Two more touring car seasons with BMW
Ferte's main competition in the early 1990s was the French Supertouring Championship. After finishing as a vice-champion in 1990, he spent two more seasons driving a BMW M3 in the championship. In 1991, he finished fifth in the points. Next year, he wasn't among front-runners, dropping to 14th place in the final standings.
Seven more Le Mans attempts, five DNFs
Ferte paused from Le Mans 24h for two years and then returned in 1994, driving a Venturi 600LM for Jacadi Racing. He didn't finish the race. From 1995 to 1998, he recorded four Le Mans participations with Pilot Racing, driving a Ferrari F40 LM two times and Ferrari 333 SP two times. He finished the race just once, in the 12th place in 1995.
In 1999, Ferte joined Henri Pescarolo and Patrice Gay in the #14 Courage C50-Porsche, finishing ninth overall in his penultimate race at Circuit de la Sarthe. The last attempt followed in 2003 when he was driving a Ferrari 550 Maranello GTS for XL Racing, not finishing the race.
Retiring from racing at the end of 2003
During the 1990s, Ferte occasionally competed in some sports car racing championships. In 1994, he was driving Jacadi Racing's venturi 600LM in the International GT Endurance Series, even winning the Spa 4 Hours. He also won the Autumn Gold Cup Meeting at Silverstone in a Venturi LM600.

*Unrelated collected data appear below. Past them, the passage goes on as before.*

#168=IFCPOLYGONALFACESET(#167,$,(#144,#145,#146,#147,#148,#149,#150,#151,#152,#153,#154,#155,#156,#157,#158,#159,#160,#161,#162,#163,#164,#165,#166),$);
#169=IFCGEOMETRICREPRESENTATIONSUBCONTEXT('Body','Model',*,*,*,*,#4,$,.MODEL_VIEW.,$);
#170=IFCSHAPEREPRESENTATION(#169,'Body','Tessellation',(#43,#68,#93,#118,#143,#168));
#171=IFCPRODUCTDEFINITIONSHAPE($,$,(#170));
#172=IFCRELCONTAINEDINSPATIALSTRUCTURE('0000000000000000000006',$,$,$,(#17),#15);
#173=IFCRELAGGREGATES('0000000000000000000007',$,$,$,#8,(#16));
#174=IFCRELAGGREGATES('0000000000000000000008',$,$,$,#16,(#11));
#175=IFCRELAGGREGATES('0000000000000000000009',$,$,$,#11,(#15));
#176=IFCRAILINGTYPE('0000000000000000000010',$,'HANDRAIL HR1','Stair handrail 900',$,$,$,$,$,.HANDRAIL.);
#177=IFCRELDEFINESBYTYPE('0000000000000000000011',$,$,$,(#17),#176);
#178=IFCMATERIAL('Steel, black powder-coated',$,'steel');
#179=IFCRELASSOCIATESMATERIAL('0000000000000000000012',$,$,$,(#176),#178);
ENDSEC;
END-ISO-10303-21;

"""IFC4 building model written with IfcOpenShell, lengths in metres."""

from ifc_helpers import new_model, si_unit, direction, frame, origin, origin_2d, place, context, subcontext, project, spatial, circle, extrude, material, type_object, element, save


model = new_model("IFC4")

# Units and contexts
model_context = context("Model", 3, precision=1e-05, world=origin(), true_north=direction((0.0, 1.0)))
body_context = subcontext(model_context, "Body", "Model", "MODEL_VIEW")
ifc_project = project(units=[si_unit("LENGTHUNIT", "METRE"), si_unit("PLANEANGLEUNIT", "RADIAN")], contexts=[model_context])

In 1995, Ferte participated in the BPR Global GT Championship with Pilot Aldix Racing's Ferrari F40 LM, winning the 4-hour race at Anderstorp. His partner was Olivier Thevenin. Ferte spent one more season with the team in the 1996 Global GT Championship. It was his last full season in some championship.
Since then, he returned to Le Mans few more times and participated in one round of the French GT Championship in 2003, what was his last active year in racing.